Talk of the recession is unavoidable, but some categories, says Nevett, are benefiting from it. Stocks, for example, are flourishing as more people turn to cooking from scratch, with sales in the market growing 10% year on year by volume. Unilever's spreads and Hellmann's Mayonnaise have also returned to volume growth over the past few months as the packed lunch makes a return among office workers.

Nevett also points to the roll-out of Knorr Stock Pots as an example of the difference One Unilever is making. Before its implementation, the company operated under different executives for each country who had the power to act autonomously in terms of innovation. This system was not only less cost-effective but a slower and more haphazard way of rolling out NPD.

The Knorr Stock Pots range, however, launched in the UK in October, was conceived by the global brand team for stocks, while the teams for individual countries were charged with the launch planning. In the UK, a tie-up was sealed with celebrity chef Marco Pierre White. Stock Pots premiered in China before rolling out in the UK and France. It will launch in other European markets this year.

Nonetheless, there continue to be exceptions to the rule. Sitting outside the arrangement, in a business unit called Chrysalis, are the so-called 'local jewels', brands that have a strong presence in only one country, such as Pot Noodle and Marmite in the UK.

Close and Nevett, who report to UK chairman Dave Lewis, manage a £148m media budget and a combined team of 120 people. They say their closest agency relationship is with Unilever's media buyer MindShare. However, they both insist that they feel connected to the brands they manage. Both men can sometimes be found giving 'special attention' to brand teams where 'we are not winning', according to Close.

'The only thing I tend not to do is to make a judgement on Lynx advertising,' he says. 'Sometimes I see stuff and I raise an eyebrow, but I trust the team. If the marketing director starts to dabble, he's going to make the wrong call.'

Unilever's Leatherhead office, which sports a glass front, could act as a physical metaphor for the company's transparent approach to its corporate brand and executives. Last month, Close made his debut on Radio 4's influential Today programme to air his thoughts on recessionary consumer trends. He even managed to slip in a cheeky mention of Dove, for which he was reprimanded by presenter Evan Davis.

More significant, however, is Unilever's decision to highlight its corporate brand in consumer ads. Since last month, these have featured the iconic Unilever 'U' logo unfurling from a scroll at the end of television spots. The first brand to receive the treatment was Flora, with PG Tips, Magnum, Sure and Dove following.

Nevett explains that the choice to start including the logo in ads was 'born out of internal pride' in the company.

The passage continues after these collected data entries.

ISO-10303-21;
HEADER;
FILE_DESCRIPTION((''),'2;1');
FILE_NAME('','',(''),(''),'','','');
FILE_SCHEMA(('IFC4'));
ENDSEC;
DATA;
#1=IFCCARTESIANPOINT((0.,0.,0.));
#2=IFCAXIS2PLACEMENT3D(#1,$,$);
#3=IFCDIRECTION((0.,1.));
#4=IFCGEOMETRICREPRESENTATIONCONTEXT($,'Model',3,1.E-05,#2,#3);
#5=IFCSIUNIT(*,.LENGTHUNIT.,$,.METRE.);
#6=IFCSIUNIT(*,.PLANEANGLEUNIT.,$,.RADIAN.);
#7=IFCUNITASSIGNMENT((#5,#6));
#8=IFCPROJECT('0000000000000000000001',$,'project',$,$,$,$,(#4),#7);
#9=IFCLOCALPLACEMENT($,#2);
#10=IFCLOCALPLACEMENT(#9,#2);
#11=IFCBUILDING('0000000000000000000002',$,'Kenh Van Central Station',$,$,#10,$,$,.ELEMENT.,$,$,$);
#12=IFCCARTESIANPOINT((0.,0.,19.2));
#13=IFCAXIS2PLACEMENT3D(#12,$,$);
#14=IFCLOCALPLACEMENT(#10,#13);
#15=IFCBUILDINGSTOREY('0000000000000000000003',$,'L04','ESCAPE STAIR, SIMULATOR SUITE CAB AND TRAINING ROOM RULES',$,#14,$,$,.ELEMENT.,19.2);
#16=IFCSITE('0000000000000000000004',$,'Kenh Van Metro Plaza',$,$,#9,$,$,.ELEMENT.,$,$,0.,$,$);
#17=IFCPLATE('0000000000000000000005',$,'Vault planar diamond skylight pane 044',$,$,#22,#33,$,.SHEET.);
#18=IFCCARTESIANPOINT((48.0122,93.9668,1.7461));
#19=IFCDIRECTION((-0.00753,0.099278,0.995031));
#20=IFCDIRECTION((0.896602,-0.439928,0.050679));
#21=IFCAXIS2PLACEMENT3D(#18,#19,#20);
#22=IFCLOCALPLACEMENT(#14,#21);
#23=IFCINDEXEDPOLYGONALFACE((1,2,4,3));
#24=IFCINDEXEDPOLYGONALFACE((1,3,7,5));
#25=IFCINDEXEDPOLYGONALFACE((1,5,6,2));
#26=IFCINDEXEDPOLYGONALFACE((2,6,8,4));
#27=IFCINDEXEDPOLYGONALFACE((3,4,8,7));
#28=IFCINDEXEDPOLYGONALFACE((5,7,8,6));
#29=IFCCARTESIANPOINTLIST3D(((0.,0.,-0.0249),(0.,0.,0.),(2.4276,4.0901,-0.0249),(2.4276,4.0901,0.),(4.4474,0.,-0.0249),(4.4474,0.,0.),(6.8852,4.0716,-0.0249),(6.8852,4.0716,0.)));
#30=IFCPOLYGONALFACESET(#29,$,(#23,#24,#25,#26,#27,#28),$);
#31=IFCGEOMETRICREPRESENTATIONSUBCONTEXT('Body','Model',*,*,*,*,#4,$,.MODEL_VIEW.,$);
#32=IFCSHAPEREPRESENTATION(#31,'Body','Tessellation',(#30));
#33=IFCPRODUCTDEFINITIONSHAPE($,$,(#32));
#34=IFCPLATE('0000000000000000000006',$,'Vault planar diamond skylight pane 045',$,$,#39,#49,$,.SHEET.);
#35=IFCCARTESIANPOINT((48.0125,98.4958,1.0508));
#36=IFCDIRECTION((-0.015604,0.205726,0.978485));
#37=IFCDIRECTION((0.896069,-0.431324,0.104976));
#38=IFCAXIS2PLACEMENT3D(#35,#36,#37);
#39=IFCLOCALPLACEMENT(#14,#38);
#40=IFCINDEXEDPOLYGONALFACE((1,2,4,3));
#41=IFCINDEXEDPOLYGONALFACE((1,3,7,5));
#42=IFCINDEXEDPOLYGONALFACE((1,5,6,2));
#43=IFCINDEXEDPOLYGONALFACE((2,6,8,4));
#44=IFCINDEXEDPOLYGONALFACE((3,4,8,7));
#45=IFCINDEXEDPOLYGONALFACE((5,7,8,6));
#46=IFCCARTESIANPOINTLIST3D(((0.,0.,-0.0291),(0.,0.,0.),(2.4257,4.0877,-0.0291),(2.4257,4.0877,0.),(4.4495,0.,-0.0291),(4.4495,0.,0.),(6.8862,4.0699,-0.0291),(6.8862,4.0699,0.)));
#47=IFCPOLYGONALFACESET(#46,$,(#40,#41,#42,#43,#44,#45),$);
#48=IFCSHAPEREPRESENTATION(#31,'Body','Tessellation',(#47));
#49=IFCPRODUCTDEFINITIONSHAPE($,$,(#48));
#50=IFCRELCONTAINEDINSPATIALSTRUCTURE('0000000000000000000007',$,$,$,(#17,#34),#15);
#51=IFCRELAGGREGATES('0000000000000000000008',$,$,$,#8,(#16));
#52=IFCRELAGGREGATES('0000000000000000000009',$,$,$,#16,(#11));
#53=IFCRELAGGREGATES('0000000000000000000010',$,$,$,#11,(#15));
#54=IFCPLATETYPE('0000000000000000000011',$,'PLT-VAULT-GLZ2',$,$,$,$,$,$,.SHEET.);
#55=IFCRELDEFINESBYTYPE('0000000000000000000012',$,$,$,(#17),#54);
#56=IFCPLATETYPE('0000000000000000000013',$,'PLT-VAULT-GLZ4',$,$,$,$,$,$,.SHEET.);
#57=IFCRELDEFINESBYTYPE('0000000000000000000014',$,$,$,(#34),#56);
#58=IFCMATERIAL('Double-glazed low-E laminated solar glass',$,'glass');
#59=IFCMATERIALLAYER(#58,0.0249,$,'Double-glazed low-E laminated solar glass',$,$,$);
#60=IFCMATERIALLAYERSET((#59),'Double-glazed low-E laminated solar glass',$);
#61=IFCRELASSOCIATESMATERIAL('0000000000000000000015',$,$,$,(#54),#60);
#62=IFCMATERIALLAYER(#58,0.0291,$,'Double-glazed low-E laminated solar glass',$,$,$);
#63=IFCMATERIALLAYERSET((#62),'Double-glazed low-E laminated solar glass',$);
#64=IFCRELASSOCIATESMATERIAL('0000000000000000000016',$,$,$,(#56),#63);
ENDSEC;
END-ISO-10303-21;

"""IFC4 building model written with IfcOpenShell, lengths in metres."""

from ifc_helpers import new_model, si_unit, direction, frame, origin, place, context, subcontext, project, spatial, polyline, outline, extrude, material, layer, layer_set, type_object, element, save


model = new_model("IFC4")

# Units and contexts
model_context = context("Model", 3, precision=1e-05, world=origin(), true_north=direction((0.0, 1.0)))
body_context = subcontext(model_context, "Body", "Model", "MODEL_VIEW")
ifc_project = project(units=[si_unit("LENGTHUNIT", "METRE"), si_unit("PLANEANGLEUNIT", "RADIAN")], contexts=[model_context])

# Site, building, storey
site_placement = place(None, origin())
site = spatial("IfcSite", under=ifc_project, at=site_placement, Name="Kenh Van Metro Plaza", CompositionType="ELEMENT", RefElevation=0.0)
building_placement = place(site_placement, origin())
building = spatial("IfcBuilding", under=site, at=building_placement, Name="Kenh Van Central Station", CompositionType="ELEMENT")
storey_placement = place(building_placement, frame((0.0, 0.0, 19.2)))
storey = spatial("IfcBuildingStorey", under=building, at=storey_placement, Name="L04", Description="ESCAPE STAIR, SIMULATOR SUITE CAB AND TRAINING ROOM RULES", CompositionType="ELEMENT", Elevation=19.2)

# Plates
ifc_material_1 = material(Name="Double-glazed low-E laminated solar glass", Category="glass")
ifc_layer_1 = layer(ifc_material_1, 0.0249, Name="Double-glazed low-E laminated solar glass")
ifc_layer_set_1 = layer_set([ifc_layer_1], Name="Double-glazed low-E laminated solar glass")
plate_type_1 = type_object("IfcPlateType", Name="PLT-VAULT-GLZ2", PredefinedType="SHEET", material=ifc_layer_set_1)
plate_1_placement = place(storey_placement, frame((48.0122, 93.9668, 1.7461), z_axis=(-0.00753, 0.099278, 0.995031), x_axis=(0.896602, -0.439928, 0.050679)))
element("IfcPlate", 1, at=plate_1_placement, inside=storey, type_object=plate_type_1, Name="Vault planar diamond skylight pane 044", PredefinedType="SHEET", context=body_context, shape_type="SweptSolid", body=[
    extrude(outline(polyline([(0.0, 0.0), (4.4474, 0.0), (6.8852, 4.0716), (2.4276, 4.0901), (0.0, 0.0)])), origin(), (0.0, 0.0, -1.0), 0.0249),
])
ifc_layer_2 = layer(ifc_material_1, 0.0291, Name="Double-glazed low-E laminated solar glass")
ifc_layer_set_2 = layer_set([ifc_layer_2], Name="Double-glazed low-E laminated solar glass")
plate_type_2 = type_object("IfcPlateType", Name="PLT-VAULT-GLZ4", PredefinedType="SHEET", material=ifc_layer_set_2)
plate_2_placement = place(storey_placement, frame((48.0125, 98.4958, 1.0508), z_axis=(-0.015604, 0.205726, 0.978485), x_axis=(0.896069, -0.431324, 0.104976)))
element("IfcPlate", 2, at=plate_2_placement, inside=storey, type_object=plate_type_2, Name="Vault planar diamond skylight pane 045", PredefinedType="SHEET", context=body_context, shape_type="SweptSolid", body=[
    extrude(outline(polyline([(0.0, 0.0), (4.4495, 0.0), (6.8862, 4.0699), (2.4257, 4.0877), (0.0, 0.0)])), origin(), (0.0, 0.0, -1.0), 0.0291),
])

save(model, "model.ifc")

'It very much comes out of bringing the businesses together,' he says. 'It's a compelling story and we thought it would be great if we could say that to the consumer.'

Although recent comments by UK chairman Dave Lewis suggest the initiative was launched because no one had heard of Unilever when he mentioned it at dinner parties, Nevett claims the appearance of the logo is grounded in research. This, he says, showed that consumers who bought one Unilever product on the whole, would buy others if they knew they came from the same company.

As the icy wind of recession hits consumer spending over 2009, Close and Nevett hope this research proves to be right.